Dia juga menginginkan
versi hijau tua, tetapi stoknya habis di mana-mana. Dia tidak puas selama
beberapa hari dan akhirnya memesan versi putih.
Angsa pemakan melon
itu mengamati semuanya dalam diam, mengeluarkan ponselnya dan mengetik kepada
Ji Mingshu: [Tidak apa-apa memakai baju yang sama, tapi siapa pun yang
terlihat jelek akan malu.]
Ji Mingshu
mengerucutkan bibirnya.
"Siapa mereka
berdua?" ABC menatap mereka berdua dan bertanya kepada Zhou Zhen.
Zhou Zhen tidak malu.
Dia memperkenalkan ABC secara singkat kepada Zhou Zhen dan kemudian kepada Ji
Mingshu, memperkenalkan ABC sebagai tunangannya, menambahkan beberapa patah
kata tentang latar belakangnya.
Ji Mingshu tersenyum
dan berkata, "Oh."
Aku tidak tahu apakah
mereka berdua baru saja kembali ke Tiongkok dan tidak akrab dengan kehidupan
sosial di sana, tetapi mereka tidak mau meninggalkan Ji Mingshu.
Salah satu dari
mereka mencoba membuatnya terkesan dengan kesuksesannya dan berkata, "Kamu
rugi karena tidak berkencan denganku waktu itu." Yang satunya, mungkin
sedang menderita 'sindrom pacar dicuri', berpegangan erat pada Neptunusnya dan
bersikeras menjadi istri pertama.
Ji Mingshu menjadi
sedikit tidak sabar dan melirik Jiang Chun.
Jiang Chun sangat
pengertian, tiba-tiba menggemakan kata-kata tunangan ABC dan berseru,
"Kamu berencana pergi ke Norwegia untuk bulan madu! Romantis sekali! Aku
bahkan belum melihat Cahaya Utara."
ABC tersenyum puas
dan mengucapkan beberapa patah kata sopan.
Jiang Chun menatap Ji
Mingshu lagi, "Hei, bagaimana dengan dokumen pulau yang dibelikan suamimu?
Kamu berjanji akan mengajakku melihat aurora. Bisakah kita ke sana dengan kapal
pesiar besar yang dibelikan suamimu?"
Zhou Zhen dan
tunangannya terdiam sejenak.
Jiang Chun tampak tak
menyadari, seolah Cen Sen bukanlah suami Ji Mingshu, melainkan suaminya,
pujiannya dipenuhi dengan emosi yang tulus.
"...Ngomong-ngomong,
kapan suamimu akan menjemputmu hari ini?"
"Mingshu sangat
beruntung!
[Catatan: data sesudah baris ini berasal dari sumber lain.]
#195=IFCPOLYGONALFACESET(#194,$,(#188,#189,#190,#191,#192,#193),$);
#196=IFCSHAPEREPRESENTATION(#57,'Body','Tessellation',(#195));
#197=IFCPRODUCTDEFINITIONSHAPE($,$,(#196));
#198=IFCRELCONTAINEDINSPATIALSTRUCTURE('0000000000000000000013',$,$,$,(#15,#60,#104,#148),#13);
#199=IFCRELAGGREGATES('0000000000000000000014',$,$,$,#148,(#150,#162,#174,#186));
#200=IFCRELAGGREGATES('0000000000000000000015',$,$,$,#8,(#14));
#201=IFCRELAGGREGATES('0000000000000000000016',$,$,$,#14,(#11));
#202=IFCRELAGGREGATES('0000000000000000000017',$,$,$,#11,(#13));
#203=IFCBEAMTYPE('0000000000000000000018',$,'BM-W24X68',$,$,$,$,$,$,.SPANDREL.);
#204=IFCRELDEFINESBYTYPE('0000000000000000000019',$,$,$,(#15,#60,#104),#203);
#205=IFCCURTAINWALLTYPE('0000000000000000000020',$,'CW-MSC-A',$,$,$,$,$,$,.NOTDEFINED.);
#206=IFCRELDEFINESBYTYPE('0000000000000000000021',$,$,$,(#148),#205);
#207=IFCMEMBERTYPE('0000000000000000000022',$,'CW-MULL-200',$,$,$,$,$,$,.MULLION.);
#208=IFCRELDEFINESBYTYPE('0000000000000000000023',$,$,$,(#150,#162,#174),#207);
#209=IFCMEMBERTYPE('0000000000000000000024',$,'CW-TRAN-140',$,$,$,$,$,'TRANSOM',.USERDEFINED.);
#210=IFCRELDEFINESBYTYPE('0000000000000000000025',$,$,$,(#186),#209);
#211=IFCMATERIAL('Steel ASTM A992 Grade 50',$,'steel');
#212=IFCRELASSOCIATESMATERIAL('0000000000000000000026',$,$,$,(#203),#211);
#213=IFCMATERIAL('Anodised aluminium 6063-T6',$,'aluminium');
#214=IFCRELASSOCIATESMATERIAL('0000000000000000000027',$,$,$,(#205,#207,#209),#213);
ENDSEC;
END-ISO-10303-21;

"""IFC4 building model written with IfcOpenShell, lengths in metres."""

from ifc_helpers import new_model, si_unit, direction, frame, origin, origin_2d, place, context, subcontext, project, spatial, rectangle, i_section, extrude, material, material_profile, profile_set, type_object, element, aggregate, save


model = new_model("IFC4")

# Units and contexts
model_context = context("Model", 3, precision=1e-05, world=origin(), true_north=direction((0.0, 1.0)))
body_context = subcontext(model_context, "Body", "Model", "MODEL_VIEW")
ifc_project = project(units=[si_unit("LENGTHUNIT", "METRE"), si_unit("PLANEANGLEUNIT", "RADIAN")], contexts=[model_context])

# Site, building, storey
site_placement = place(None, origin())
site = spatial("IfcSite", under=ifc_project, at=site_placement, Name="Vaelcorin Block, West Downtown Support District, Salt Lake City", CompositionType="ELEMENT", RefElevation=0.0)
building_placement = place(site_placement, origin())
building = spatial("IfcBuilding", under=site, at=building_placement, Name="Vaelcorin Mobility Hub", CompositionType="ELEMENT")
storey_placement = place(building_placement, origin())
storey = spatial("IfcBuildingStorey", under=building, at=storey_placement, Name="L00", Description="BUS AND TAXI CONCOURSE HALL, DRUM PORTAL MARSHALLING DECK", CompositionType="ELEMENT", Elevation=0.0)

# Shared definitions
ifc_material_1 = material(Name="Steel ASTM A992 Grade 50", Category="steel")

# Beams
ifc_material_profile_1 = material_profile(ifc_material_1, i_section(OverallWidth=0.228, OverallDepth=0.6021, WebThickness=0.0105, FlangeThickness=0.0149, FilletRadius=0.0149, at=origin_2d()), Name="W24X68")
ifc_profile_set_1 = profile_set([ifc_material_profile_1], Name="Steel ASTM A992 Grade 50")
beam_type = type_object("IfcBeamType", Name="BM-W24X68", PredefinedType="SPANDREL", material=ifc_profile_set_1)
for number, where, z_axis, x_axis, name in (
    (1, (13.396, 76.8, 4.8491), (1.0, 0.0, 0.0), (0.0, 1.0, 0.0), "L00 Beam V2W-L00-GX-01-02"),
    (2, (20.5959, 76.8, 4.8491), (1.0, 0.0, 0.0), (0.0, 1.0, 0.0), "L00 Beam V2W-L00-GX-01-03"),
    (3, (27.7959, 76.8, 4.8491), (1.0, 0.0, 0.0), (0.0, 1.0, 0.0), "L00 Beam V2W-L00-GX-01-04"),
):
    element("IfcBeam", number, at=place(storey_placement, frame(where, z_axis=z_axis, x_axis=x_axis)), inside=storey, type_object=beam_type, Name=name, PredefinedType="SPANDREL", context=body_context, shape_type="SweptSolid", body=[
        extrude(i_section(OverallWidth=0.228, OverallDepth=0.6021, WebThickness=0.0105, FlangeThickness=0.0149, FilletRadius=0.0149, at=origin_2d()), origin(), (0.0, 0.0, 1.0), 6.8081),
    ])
Suamiku selalu menjemputnya kapan pun ia senggang, dan ia bahkan
memasak untuknya."
Ji Mingshu dengan
tenang mencubitnya, memberi isyarat agar ia berhenti. Bukankah akan canggung
jika tidak ada yang menjemput mereka setelah acara itu?
Tetapi ketika ia
mendongak, ia melihat pria luar biasa yang dibicarakan Jiang Chun, yang hampir
tak dikenalnya, berdiri tak jauh darinya, menatapnya tajam.